On a good day, it feels like feminism is taking over the world. No longer a phrase to whisper only among your closest friends, plagued by notions of man-hating and visions of burning bras (which didn’t even happen!), it’s positively uncool not to be a feminist right now. Who doesn’t want equality, right?
But despite it being a simple concept – the advocacy of women’s rights on the ground of the equality of the sexes, according to the dictionary – what it means to be a feminist is apparently up for debate. And one of the major talking points is femininity.
It’s true, the patriarchy (the system where men hold power) has imposed certain standards on us. Here in the UK, we’re expected to be hairless, thin, tanned and perfectly preened. Bonus points if we’re quiet and polite, too. It can be time consuming to live up to that and it’s frustrating when boys can just roll out of bed and be ready for the day without any judgements, when we’re expected to spend an age getting ready. I definitely don’t want to know how many hours I’ve spent shaving my legs when men are airing out their hairs to the world with no dramas, that’s for sure.
In response, some women and girls choose to challenge those expectations and avoid things that are typically and traditionally feminine. They might ditch the razor, go makeup-free, wear baggy clothes or cut their hair short. It’s their way of freeing themselves from those pre-set ideals. It’s a valid choice to make and it’s important to have the freedom to express ourselves in alternative ways.
So, what if you’re clued up on the patriarchy, beauty expectations and equality and your vibe is girly? What if you love pink, always have perfectly painted nails, wear makeup everyday and love having long, swishy locks? Does that mean you’re letting the side down? You could be forgiven for thinking that. Some people talk about how being feminine is giving in to beauty standards or letting the side down. They reckon that being girly and liking things like makeup and dresses means you’re not a proper feminist.
But if you give me a second though, I’m just going to pick all of those people up, pop them in a box, tape it up nice and tight and send them out to sea where no one can hear them. Ah, MUCH BETTER.
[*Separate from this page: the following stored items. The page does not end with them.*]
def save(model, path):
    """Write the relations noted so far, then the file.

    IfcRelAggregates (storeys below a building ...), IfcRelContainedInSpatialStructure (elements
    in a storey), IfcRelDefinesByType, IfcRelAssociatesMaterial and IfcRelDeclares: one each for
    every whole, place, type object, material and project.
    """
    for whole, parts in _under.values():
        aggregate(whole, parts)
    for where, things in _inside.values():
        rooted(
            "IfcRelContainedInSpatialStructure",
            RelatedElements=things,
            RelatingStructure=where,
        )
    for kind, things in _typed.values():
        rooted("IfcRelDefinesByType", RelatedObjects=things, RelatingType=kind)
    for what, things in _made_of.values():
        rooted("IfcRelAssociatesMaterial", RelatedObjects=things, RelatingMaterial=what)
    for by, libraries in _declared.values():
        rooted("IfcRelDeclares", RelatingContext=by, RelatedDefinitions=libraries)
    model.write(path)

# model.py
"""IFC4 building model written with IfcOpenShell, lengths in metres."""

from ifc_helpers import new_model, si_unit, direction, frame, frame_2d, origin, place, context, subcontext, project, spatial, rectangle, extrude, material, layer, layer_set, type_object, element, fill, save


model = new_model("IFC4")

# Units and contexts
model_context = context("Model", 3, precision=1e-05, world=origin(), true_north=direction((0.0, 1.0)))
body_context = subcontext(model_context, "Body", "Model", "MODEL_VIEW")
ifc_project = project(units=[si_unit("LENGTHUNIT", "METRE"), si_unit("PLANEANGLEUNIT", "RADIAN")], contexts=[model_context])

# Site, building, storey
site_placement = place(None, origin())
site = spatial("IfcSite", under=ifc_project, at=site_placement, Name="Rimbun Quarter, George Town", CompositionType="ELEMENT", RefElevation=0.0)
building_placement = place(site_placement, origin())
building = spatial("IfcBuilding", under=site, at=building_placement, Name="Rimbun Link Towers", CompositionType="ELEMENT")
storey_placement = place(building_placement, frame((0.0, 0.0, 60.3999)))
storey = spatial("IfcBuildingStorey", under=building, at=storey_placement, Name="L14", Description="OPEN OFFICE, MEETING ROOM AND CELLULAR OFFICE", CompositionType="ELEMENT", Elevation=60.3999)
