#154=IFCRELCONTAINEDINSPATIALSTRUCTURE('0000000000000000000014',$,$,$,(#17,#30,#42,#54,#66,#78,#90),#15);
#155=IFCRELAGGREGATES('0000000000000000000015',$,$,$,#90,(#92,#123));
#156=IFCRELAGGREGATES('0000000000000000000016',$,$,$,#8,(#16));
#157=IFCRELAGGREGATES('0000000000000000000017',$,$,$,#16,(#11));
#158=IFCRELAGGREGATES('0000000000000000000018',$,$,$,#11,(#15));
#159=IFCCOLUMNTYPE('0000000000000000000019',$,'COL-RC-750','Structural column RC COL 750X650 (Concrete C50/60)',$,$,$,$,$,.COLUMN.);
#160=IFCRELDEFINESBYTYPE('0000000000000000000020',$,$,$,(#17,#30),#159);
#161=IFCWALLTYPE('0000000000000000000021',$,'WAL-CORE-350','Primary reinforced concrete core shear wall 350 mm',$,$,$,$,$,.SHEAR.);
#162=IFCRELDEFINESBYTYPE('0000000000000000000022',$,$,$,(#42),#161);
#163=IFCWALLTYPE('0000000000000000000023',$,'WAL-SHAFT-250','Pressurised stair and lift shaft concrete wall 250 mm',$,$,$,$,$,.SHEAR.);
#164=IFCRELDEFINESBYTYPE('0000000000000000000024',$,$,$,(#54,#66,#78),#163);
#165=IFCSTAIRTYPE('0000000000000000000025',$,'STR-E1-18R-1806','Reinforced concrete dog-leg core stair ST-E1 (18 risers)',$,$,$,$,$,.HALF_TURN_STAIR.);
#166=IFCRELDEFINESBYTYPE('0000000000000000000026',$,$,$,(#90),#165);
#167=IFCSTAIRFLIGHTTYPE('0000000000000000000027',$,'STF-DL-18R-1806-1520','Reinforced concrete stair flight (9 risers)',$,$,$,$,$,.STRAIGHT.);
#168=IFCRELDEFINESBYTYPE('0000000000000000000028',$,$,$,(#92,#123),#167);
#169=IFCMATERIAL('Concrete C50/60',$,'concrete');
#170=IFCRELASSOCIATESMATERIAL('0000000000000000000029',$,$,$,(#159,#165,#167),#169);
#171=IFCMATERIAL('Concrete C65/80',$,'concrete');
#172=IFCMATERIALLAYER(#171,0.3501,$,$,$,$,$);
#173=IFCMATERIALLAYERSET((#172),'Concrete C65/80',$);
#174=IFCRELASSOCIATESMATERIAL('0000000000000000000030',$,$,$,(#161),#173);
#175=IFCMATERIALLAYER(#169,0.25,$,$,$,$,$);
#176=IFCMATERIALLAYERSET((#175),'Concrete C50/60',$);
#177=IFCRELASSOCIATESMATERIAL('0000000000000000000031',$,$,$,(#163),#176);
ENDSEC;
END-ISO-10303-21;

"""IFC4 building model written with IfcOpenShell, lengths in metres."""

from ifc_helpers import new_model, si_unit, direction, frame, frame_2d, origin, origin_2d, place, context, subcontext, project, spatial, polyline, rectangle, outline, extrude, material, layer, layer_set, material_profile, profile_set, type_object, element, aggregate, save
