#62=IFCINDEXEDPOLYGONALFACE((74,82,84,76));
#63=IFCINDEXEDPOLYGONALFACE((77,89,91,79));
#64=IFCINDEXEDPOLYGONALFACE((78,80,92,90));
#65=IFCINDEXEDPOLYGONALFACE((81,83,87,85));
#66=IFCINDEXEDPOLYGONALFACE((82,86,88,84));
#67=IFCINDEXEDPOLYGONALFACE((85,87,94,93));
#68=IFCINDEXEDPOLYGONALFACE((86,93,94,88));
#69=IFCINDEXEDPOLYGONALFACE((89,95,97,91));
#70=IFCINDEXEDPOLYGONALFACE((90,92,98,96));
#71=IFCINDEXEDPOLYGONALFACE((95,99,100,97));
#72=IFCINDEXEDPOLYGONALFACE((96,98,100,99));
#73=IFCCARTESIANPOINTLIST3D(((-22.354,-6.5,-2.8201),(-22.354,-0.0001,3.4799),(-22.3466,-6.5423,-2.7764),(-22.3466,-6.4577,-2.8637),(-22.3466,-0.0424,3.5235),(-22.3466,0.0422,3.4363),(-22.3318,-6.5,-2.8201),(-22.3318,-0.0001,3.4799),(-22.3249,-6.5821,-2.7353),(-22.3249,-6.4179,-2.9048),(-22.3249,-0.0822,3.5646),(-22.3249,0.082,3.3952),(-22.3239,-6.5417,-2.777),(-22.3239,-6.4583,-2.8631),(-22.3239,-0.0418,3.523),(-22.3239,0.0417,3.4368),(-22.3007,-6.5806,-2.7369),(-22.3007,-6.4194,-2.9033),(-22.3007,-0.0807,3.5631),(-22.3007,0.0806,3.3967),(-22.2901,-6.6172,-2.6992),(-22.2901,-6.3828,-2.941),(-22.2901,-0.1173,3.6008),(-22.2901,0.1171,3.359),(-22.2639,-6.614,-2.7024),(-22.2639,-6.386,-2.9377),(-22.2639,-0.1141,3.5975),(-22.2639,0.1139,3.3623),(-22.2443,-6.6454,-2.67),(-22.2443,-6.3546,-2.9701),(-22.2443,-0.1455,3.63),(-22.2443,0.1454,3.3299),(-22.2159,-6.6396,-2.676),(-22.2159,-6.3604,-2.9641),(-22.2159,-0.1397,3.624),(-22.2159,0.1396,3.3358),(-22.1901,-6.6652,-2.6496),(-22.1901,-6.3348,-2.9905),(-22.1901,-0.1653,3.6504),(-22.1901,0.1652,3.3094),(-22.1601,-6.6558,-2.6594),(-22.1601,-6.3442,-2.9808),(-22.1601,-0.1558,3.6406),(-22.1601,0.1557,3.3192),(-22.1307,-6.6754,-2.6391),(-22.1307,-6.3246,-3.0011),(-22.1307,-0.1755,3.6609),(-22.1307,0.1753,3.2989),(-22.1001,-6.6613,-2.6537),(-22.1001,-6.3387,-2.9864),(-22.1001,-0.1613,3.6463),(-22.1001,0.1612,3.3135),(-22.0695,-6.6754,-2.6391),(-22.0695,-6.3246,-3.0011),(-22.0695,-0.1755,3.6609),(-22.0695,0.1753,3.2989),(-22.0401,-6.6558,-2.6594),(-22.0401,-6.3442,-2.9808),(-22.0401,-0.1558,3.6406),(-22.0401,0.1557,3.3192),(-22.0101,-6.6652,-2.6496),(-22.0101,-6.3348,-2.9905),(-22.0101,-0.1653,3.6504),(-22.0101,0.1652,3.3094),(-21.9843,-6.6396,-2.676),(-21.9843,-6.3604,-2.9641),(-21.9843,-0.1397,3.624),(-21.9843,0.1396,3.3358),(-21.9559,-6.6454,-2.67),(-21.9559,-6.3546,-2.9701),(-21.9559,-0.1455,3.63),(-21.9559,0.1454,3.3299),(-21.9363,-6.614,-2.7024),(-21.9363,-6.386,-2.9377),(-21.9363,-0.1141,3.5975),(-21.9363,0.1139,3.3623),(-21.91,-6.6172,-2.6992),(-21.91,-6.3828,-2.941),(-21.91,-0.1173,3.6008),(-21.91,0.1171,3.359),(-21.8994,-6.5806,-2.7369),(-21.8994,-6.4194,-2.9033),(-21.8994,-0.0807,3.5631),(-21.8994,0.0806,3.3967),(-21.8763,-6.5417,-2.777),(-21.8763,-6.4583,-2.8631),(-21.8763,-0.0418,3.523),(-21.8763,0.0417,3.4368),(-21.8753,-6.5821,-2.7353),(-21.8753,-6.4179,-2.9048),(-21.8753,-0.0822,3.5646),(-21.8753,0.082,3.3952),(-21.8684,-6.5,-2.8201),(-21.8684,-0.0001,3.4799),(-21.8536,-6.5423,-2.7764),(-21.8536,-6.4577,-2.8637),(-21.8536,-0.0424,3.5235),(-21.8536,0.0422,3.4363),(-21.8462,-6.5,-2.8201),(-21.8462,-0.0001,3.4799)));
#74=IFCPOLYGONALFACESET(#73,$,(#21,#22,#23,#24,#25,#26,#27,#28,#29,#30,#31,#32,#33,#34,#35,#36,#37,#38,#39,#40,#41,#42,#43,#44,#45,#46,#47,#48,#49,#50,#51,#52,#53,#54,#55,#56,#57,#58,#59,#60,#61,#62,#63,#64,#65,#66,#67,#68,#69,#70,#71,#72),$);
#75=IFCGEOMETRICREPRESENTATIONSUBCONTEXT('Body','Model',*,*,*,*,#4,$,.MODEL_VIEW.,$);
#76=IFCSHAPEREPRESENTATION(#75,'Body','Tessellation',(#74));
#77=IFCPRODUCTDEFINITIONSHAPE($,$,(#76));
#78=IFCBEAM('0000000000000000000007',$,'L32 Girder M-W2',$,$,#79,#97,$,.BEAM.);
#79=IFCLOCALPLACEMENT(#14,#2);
Those people are wrong. There is no set standard for feminism. You don’t have to look a certain way or shun the things you love to fit the mould. Do you think women and men, girls and boys should have equal rights? Congratulations, you are a feminist! And guess what? There’s no uniform.
If you want to fight for equal pay while wearing a whole load of pink, you do just that. If you want to wear enormous false eyelashes while you defend other girls’ rights to wear no makeup at all, go ahead. If you want to go to a protest wearing high heels, go for it.
Some people feel free without makeup, unhampered without the pressure of perfect eyeliner or flawless foundation. For others though, it’s a fun and creative outlet. It’s a form of expression and, let’s face it, a skill. Makeup can build confidence and make someone feel at home in their own skin just as high heels make some people feel powerful or long hair makes some people feel unstoppable.
Real equality means the freedom to be exactly who you want to be and if the person you want to be happens to be super girly then there’s nothing wrong with that.
In order for feminism to really work, we need to embrace and support every type of girl and woman on the planet, no matter what they look like or where they’re from or what their culture is. A feminist with hair extensions is just as authentic as a feminist with a shaved head and a feminist who wears lipstick is just as valid as a feminist who rejects makeup. So, if someone ever tells you that you’re doing feminism wrong or that you’re not a real feminist because you embrace the girly things in life, do me a favour: tell them they’re wrong and carry on being exactly who you want to be.